Dazwischen sind die Schwingungsbäuche: Hier wird der Sand wegbewegt.

Chladni–Klangfiguren Chladni–Klangfiguren Chladni–Klangfiguren

Sin.gen

Was kann man tun?
Was sollte geschehen? Warum ist das so?
Sprecht, singt oder summt in die Mikrofone der Station.

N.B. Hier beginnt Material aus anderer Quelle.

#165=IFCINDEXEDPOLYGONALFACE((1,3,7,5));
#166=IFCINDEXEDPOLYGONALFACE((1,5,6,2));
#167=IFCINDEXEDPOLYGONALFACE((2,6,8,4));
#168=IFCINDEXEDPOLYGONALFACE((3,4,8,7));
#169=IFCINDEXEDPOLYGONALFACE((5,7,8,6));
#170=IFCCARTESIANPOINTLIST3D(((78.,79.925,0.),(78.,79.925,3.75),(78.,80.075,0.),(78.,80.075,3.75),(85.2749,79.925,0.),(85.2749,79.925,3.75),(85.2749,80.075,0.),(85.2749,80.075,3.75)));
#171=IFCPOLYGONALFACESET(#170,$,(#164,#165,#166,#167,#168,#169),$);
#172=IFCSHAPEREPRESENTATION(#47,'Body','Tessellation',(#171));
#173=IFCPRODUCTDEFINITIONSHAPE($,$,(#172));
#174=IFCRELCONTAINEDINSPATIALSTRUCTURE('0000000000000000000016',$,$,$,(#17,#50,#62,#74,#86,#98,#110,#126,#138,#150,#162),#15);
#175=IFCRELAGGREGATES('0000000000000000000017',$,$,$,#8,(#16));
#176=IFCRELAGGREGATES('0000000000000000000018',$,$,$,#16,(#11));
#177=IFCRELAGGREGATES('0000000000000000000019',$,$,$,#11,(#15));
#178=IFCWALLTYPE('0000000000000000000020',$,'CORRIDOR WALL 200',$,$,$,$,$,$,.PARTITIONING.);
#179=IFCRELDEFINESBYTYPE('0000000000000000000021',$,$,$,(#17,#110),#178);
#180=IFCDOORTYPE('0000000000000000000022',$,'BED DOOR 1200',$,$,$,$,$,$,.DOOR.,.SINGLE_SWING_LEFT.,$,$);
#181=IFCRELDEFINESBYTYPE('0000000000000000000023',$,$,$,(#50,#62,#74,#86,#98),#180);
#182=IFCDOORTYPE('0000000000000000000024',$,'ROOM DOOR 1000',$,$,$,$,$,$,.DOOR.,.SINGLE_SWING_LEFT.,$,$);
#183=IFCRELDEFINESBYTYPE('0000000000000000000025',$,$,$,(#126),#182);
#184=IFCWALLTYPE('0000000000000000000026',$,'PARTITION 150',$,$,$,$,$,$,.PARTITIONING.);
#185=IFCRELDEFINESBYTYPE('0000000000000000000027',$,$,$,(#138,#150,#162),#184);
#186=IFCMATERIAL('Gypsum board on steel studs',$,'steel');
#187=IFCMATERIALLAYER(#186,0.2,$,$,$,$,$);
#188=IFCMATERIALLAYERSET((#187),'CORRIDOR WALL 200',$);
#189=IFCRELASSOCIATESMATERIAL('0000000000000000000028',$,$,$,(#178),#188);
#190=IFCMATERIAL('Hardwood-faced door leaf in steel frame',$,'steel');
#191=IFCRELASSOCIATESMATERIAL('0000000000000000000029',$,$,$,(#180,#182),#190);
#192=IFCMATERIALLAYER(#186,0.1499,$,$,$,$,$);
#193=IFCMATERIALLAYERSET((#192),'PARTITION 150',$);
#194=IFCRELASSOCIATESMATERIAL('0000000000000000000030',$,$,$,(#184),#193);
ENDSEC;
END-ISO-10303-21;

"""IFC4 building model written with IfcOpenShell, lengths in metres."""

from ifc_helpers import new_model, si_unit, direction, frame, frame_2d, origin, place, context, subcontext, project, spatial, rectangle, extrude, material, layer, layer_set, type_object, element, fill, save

Die Schwingungen, die durch die Stimme erzeugt werden, werden sichtbar gemacht.Auf einem Oszilloskop sieht man diese Schwingungen meist als gezackte Linien – manchmal gelingt es den Sängern auch, eine Sinuslinie entstehen zu lassen.

Die Station ermöglicht aber auch noch weitere Experimente: Es lassen sich Lissajous-Figuren „singen“, Frequenzen bestimmen oder auch die Schallgeschwindigkeit messen.

Die Schallschwingungen, die von den Stimmbändern ausgehen und durch die Luft übertragen werden, gelangen auf die Mikrofone, die sie in elektrische Schwingungen umwandeln.

Das Oszilloskop zeigt für jeden Kanal einen Lichtpunkt, der mit der Schwingung auf und ab schwingt. Gleichzeitig wandert der Punkt schnell nach rechts. Dadurch wird eine Wellenlinie gezeichnet.